MAO inhibitors like Nardil and other antidepressants are not considered to be psychologically addictive because cessation of use doesn’t result in drug cravings. However, several side effects can accompany the use of phenelzine.
Side effects of Nardil may include dry mouth, dizziness, headache, blurry vision, somnolence, anorexia, sedation, insomnia, lethargy, nausea, vomiting, weight fluctuation, infrequent urination, diarrhea, constipation, profuse sweating, muscle tremors, high or low blood pressure, and low sex drive. On rare occasions, treatment with Nardil can cause psychosis, mania, and acute liver failure.
Stopping treatment with phenelzine can trigger withdrawal symptomsreferred to as discontinuation syndrome. Discontinuation syndrome from phenelzine is characterized by symptoms similar to those which are witnessed in patients reacting poorly to long-term amphetamine use.

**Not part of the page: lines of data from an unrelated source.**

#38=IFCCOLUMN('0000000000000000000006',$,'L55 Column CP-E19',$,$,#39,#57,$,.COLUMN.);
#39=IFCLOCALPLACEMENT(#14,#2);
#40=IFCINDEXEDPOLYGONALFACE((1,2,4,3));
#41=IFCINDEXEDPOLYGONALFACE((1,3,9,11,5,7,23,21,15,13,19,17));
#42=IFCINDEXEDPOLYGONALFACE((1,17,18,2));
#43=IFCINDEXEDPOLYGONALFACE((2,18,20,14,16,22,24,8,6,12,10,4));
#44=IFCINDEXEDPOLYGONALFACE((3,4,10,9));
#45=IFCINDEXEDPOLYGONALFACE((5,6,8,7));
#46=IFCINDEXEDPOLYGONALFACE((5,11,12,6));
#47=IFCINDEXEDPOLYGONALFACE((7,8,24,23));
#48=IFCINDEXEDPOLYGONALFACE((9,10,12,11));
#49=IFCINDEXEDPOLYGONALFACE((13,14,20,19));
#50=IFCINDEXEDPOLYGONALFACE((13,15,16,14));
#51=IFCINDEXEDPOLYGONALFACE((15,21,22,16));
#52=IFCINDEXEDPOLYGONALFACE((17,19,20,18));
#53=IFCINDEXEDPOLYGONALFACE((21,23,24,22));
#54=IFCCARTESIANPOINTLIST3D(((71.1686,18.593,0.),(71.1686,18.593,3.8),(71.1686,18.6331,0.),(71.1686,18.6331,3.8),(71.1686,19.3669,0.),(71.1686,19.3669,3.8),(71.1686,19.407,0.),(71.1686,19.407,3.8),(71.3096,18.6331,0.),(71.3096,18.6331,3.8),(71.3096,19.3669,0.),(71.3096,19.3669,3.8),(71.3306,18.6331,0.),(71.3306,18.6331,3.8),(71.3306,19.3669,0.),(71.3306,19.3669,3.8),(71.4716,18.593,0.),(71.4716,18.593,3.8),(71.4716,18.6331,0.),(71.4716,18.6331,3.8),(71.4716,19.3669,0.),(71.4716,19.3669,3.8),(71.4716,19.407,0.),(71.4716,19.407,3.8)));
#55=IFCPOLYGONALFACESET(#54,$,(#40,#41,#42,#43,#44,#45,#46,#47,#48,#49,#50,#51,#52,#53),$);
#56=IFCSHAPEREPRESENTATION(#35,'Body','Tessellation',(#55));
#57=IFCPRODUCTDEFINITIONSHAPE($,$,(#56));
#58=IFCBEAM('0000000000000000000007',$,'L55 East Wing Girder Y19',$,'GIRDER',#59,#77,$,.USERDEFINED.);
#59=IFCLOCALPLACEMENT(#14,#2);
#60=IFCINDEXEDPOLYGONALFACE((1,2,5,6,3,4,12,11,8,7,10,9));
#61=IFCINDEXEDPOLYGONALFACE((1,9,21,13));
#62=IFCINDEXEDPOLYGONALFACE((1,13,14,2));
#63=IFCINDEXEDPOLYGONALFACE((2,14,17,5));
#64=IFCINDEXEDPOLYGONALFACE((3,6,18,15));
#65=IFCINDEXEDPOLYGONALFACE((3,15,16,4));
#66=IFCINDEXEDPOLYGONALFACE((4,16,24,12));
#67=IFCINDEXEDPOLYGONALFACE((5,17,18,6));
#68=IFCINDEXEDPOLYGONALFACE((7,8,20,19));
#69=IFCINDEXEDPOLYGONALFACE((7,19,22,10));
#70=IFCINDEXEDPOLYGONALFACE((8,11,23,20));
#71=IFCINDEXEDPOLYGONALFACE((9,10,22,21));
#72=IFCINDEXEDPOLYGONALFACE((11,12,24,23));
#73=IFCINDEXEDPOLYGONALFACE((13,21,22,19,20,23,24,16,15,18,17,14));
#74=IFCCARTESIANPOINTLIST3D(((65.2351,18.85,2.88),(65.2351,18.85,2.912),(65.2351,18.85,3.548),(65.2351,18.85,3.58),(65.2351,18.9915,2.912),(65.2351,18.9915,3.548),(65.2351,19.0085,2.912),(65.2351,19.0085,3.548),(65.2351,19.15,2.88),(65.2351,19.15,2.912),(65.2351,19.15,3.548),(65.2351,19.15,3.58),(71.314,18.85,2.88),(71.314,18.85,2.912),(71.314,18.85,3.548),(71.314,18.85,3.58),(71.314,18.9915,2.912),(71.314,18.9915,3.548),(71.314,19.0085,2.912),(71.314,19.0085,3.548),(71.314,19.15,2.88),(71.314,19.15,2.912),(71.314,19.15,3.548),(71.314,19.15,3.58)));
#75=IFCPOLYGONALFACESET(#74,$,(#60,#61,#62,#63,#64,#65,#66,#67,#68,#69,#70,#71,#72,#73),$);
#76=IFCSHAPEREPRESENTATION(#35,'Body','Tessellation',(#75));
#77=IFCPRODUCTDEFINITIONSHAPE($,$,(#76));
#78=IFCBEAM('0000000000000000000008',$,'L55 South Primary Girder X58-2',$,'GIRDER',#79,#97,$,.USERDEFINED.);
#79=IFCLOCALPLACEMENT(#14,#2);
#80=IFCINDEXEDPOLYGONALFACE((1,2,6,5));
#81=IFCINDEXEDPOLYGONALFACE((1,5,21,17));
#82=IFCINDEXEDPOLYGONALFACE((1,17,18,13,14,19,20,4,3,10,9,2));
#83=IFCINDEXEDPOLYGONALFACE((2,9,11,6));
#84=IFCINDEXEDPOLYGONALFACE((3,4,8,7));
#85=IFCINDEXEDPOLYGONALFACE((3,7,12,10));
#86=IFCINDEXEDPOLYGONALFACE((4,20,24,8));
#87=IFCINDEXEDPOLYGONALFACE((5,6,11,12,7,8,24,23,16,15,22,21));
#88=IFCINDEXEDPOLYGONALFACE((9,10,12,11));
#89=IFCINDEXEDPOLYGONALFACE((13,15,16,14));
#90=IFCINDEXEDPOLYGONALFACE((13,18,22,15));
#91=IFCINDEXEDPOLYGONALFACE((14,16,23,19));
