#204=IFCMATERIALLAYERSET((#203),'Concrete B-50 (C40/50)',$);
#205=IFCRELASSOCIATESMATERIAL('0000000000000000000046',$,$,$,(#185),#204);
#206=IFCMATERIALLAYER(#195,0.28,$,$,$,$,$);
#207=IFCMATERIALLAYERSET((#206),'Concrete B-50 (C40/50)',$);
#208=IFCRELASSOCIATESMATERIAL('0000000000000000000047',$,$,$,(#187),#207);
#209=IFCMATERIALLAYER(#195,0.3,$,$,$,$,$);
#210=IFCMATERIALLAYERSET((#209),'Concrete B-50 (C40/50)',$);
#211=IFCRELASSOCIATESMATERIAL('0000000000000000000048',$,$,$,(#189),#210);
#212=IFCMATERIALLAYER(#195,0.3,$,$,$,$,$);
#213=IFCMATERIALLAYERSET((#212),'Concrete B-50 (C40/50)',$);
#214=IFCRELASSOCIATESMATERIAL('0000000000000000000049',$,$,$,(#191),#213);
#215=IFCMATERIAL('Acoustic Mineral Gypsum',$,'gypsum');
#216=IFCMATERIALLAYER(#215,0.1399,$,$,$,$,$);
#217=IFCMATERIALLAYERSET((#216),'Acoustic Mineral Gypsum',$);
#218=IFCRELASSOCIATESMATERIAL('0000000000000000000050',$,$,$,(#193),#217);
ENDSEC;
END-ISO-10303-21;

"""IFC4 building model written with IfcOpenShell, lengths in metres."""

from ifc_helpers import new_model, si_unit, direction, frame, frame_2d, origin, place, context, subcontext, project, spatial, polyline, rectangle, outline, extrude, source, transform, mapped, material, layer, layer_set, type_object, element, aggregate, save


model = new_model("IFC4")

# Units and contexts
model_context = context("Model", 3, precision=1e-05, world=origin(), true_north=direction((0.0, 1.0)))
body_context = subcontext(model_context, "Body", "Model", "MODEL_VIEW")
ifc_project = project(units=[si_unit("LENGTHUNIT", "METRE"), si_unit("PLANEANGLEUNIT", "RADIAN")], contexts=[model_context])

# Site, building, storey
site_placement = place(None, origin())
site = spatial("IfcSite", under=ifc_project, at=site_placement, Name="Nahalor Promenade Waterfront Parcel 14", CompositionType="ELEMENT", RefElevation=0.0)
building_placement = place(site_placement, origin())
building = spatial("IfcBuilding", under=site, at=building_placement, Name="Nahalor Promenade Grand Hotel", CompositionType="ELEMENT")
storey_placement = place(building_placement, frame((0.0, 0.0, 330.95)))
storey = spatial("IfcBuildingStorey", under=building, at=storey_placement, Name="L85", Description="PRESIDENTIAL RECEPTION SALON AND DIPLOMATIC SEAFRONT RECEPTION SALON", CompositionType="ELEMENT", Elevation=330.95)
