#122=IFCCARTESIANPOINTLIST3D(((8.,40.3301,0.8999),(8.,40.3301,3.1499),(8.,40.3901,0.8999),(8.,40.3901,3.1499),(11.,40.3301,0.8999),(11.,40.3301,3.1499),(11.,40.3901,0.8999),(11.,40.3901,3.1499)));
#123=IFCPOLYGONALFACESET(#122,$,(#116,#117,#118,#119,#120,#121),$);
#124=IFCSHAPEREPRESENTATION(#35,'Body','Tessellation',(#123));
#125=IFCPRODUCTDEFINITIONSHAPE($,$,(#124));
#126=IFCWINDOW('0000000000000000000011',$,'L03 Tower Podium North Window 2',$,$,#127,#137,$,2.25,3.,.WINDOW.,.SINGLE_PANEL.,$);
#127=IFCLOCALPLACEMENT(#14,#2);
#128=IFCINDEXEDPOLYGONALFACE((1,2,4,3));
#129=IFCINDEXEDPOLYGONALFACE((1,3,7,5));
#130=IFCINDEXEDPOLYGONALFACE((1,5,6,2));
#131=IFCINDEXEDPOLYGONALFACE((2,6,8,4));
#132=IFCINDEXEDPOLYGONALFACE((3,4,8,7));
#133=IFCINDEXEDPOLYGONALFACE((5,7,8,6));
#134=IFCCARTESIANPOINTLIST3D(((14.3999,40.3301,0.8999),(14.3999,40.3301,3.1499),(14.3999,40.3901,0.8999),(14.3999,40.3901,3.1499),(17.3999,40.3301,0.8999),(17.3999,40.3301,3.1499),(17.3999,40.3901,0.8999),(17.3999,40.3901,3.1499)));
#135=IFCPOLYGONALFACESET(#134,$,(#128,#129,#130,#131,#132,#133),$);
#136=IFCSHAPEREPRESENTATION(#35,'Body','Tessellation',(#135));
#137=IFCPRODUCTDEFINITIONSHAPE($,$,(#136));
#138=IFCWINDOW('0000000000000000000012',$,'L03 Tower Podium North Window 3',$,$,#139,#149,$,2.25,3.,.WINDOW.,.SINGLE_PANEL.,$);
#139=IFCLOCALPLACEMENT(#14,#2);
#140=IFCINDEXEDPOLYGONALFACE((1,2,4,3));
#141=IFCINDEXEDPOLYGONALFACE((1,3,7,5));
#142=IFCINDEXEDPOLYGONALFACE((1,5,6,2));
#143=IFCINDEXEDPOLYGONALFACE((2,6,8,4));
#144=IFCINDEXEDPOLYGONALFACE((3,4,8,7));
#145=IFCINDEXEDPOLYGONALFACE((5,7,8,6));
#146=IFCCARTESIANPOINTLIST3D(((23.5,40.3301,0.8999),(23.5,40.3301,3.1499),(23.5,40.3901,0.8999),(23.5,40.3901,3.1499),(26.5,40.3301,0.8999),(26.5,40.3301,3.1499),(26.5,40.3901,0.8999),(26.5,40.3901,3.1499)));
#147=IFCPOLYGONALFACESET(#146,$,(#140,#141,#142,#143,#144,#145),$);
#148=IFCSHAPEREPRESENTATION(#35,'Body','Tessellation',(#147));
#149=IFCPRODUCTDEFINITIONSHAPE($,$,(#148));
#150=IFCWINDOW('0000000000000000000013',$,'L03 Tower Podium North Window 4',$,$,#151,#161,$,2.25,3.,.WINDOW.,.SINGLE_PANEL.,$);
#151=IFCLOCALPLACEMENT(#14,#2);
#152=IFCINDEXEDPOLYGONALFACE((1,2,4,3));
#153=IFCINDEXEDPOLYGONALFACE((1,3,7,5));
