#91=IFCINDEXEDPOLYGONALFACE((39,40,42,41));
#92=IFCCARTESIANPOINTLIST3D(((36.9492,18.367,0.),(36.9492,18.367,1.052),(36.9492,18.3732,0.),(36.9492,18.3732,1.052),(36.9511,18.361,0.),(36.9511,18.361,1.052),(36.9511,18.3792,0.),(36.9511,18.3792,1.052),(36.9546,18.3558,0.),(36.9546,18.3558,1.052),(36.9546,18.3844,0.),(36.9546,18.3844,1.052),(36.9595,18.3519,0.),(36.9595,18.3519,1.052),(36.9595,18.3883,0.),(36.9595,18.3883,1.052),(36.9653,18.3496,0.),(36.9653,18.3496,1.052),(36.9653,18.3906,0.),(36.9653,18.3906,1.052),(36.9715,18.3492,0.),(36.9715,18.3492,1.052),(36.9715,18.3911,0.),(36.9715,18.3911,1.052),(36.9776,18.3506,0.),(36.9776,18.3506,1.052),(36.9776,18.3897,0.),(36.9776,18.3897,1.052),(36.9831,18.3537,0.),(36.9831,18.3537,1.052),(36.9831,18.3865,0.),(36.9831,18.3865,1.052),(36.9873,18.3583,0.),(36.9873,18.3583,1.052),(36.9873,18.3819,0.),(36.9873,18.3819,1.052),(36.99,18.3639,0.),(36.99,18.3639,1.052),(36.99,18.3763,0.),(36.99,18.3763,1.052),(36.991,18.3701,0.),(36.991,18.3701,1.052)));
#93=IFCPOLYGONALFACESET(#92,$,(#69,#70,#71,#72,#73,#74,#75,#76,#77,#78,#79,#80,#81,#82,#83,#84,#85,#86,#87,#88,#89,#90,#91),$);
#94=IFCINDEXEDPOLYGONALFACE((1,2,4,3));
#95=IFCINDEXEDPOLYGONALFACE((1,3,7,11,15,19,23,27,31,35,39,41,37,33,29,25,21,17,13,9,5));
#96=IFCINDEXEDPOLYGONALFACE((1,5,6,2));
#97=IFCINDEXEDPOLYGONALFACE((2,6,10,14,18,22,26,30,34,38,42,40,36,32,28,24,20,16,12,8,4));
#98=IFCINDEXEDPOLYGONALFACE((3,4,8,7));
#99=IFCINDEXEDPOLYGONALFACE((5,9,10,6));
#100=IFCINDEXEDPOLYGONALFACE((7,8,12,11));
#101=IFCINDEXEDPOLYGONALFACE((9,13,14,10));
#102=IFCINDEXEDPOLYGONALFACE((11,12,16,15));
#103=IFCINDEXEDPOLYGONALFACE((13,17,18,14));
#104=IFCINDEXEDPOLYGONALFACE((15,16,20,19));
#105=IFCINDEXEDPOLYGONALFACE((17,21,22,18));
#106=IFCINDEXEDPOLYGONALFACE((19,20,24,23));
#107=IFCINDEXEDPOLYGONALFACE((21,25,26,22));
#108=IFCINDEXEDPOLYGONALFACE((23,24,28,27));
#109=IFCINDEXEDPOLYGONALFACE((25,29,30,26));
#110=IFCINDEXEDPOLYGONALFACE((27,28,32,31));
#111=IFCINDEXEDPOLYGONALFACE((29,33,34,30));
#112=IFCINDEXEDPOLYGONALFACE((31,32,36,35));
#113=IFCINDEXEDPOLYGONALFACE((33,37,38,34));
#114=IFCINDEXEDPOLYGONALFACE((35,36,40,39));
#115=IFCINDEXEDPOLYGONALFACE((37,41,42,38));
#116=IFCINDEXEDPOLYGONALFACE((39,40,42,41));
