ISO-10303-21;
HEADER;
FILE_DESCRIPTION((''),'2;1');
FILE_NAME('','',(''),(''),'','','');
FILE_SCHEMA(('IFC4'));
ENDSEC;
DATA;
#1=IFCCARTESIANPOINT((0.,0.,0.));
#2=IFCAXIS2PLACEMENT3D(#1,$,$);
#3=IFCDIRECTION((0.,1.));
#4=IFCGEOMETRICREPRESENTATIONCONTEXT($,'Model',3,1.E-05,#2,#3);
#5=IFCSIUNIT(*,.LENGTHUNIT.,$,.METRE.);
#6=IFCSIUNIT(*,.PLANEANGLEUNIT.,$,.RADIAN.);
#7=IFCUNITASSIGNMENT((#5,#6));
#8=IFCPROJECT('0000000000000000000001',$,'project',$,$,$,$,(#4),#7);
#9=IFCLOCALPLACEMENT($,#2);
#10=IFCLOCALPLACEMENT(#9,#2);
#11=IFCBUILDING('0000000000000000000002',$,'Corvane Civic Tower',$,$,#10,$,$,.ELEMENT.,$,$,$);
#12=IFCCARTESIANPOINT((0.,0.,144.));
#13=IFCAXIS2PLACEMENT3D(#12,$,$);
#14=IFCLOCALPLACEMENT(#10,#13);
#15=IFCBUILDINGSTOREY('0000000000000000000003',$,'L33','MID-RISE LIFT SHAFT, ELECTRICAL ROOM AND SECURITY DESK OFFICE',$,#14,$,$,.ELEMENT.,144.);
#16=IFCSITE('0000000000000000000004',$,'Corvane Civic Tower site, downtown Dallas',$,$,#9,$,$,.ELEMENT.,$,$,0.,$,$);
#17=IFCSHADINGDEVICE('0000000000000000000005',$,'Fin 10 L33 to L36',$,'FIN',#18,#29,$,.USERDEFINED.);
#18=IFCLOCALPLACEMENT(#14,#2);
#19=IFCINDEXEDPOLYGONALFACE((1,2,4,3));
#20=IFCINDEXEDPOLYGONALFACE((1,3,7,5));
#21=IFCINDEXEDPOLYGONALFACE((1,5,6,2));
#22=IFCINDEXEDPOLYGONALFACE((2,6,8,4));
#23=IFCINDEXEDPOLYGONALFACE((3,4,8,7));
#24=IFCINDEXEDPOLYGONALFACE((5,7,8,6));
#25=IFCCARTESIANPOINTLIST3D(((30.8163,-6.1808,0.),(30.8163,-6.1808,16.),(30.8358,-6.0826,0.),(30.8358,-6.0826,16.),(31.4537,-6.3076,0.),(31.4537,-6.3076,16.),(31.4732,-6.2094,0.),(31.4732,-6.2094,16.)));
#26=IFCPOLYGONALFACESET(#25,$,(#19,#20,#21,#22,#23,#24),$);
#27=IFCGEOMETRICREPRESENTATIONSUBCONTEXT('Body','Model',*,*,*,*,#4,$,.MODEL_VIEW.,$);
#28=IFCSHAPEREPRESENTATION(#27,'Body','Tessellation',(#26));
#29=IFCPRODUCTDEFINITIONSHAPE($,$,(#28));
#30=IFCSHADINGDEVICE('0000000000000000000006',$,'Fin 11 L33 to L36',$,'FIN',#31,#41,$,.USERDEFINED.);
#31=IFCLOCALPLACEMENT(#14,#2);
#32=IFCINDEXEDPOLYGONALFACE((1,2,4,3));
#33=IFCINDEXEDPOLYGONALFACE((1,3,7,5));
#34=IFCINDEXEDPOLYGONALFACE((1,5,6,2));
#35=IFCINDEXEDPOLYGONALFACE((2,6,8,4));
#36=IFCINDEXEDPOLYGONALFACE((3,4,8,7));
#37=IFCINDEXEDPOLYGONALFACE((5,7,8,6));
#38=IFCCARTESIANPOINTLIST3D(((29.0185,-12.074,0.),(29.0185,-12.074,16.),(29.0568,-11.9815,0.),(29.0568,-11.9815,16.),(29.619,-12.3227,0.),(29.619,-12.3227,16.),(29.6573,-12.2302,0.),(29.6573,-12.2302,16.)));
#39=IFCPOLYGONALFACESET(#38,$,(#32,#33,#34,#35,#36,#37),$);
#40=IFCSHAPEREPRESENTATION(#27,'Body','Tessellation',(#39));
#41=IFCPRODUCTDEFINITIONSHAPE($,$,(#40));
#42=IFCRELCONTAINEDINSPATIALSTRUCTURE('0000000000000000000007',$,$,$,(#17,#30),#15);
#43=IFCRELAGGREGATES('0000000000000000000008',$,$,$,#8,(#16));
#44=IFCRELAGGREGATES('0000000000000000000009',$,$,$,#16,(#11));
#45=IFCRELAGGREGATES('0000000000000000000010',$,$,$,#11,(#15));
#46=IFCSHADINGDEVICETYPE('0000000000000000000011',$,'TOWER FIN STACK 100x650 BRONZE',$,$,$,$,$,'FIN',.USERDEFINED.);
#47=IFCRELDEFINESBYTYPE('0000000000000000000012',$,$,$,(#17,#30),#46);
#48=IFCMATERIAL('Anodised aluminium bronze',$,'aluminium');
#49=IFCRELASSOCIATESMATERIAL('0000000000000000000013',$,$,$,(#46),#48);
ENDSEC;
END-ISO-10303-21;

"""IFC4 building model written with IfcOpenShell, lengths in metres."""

from ifc_helpers import new_model, si_unit, direction, frame, origin, origin_2d, place, context, subcontext, project, spatial, rectangle, extrude, material, material_profile, profile_set, type_object, element, save


model = new_model("IFC4")

# Units and contexts
model_context = context("Model", 3, precision=1e-05, world=origin(), true_north=direction((0.0, 1.0)))
body_context = subcontext(model_context, "Body", "Model", "MODEL_VIEW")
ifc_project = project(units=[si_unit("LENGTHUNIT", "METRE"), si_unit("PLANEANGLEUNIT", "RADIAN")], contexts=[model_context])

# Site, building, storey
site_placement = place(None, origin())
site = spatial("IfcSite", under=ifc_project, at=site_placement, Name="Corvane Civic Tower site, downtown Dallas", CompositionType="ELEMENT", RefElevation=0.0)
building_placement = place(site_placement, origin())
building = spatial("IfcBuilding", under=site, at=building_placement, Name="Corvane Civic Tower", CompositionType="ELEMENT")
storey_placement = place(building_placement, frame((0.0, 0.0, 144.0)))
storey = spatial("IfcBuildingStorey", under=building, at=storey_placement, Name="L33", Description="MID-RISE LIFT SHAFT, ELECTRICAL ROOM AND SECURITY DESK OFFICE", CompositionType="ELEMENT", Elevation=144.0)

# Shading devices
ifc_material_1 = material(Name="Anodised aluminium bronze", Category="aluminium")
ifc_material_profile_1 = material_profile(ifc_material_1, rectangle(XDim=0.1001, YDim=0.6499, at=origin_2d()), Name="TOWER FIN STACK 100x650 BRONZE")
ifc_profile_set_1 = profile_set([ifc_material_profile_1], Name="Anodised aluminium bronze")
shading_device_type = type_object("IfcShadingDeviceType", Name="TOWER FIN STACK 100x650 BRONZE", ElementType="FIN", PredefinedType="USERDEFINED", material=ifc_profile_set_1)
for number, where, z_axis, x_axis, name in (
    (1, (31.1448, -6.1951, 0.0), (0.0, 0.0, 1.0), (-0.19509, -0.980785, 0.0), "Fin 10 L33 to L36"),
    (2, (29.3379, -12.1521, 0.0), (0.0, 0.0, 1.0), (-0.382683, -0.92388, 0.0), "Fin 11 L33 to L36"),
):
    element("IfcShadingDevice", number, at=place(storey_placement, frame(where, z_axis=z_axis, x_axis=x_axis)), inside=storey, type_object=shading_device_type, Name=name, ObjectType="FIN", PredefinedType="USERDEFINED", context=body_context, shape_type="SweptSolid", body=[
        extrude(rectangle(XDim=0.1001, YDim=0.6499, at=origin_2d()), origin(), (0.0, 0.0, 1.0), 16.0),
    ])

save(model, "model.ifc")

These symptoms include rapid speech, mania, and psychosis when doses of the drug are reduced too quickly. Treatment with phenelzine, although not technically addictive, can still develop a level of psychological reliance. Discontinuance symptoms from MAO inhibitors like Nardil are never as severe as those from anti-anxiety drugs like the benzodiazepine Xanax, which acts directly on GABA receptors.
Due to the lack of addictive qualities of Nardil, there aren’t any rehabilitation programs specifically designed for recovery from phenelzine use. Discontinuation syndrome from Nardil can be managed by gradually reducing dosage over an extended period of time. First-line antidepressants like SSRIs can result in a sudden onset of withdrawal symptoms within just 24 hours of missing a dose. These symptoms can include suicidal thoughts, especially among patients under the age of 25. Missing a dose of Nardil, in contrast, doesn’t normally result in such dramatic side effects.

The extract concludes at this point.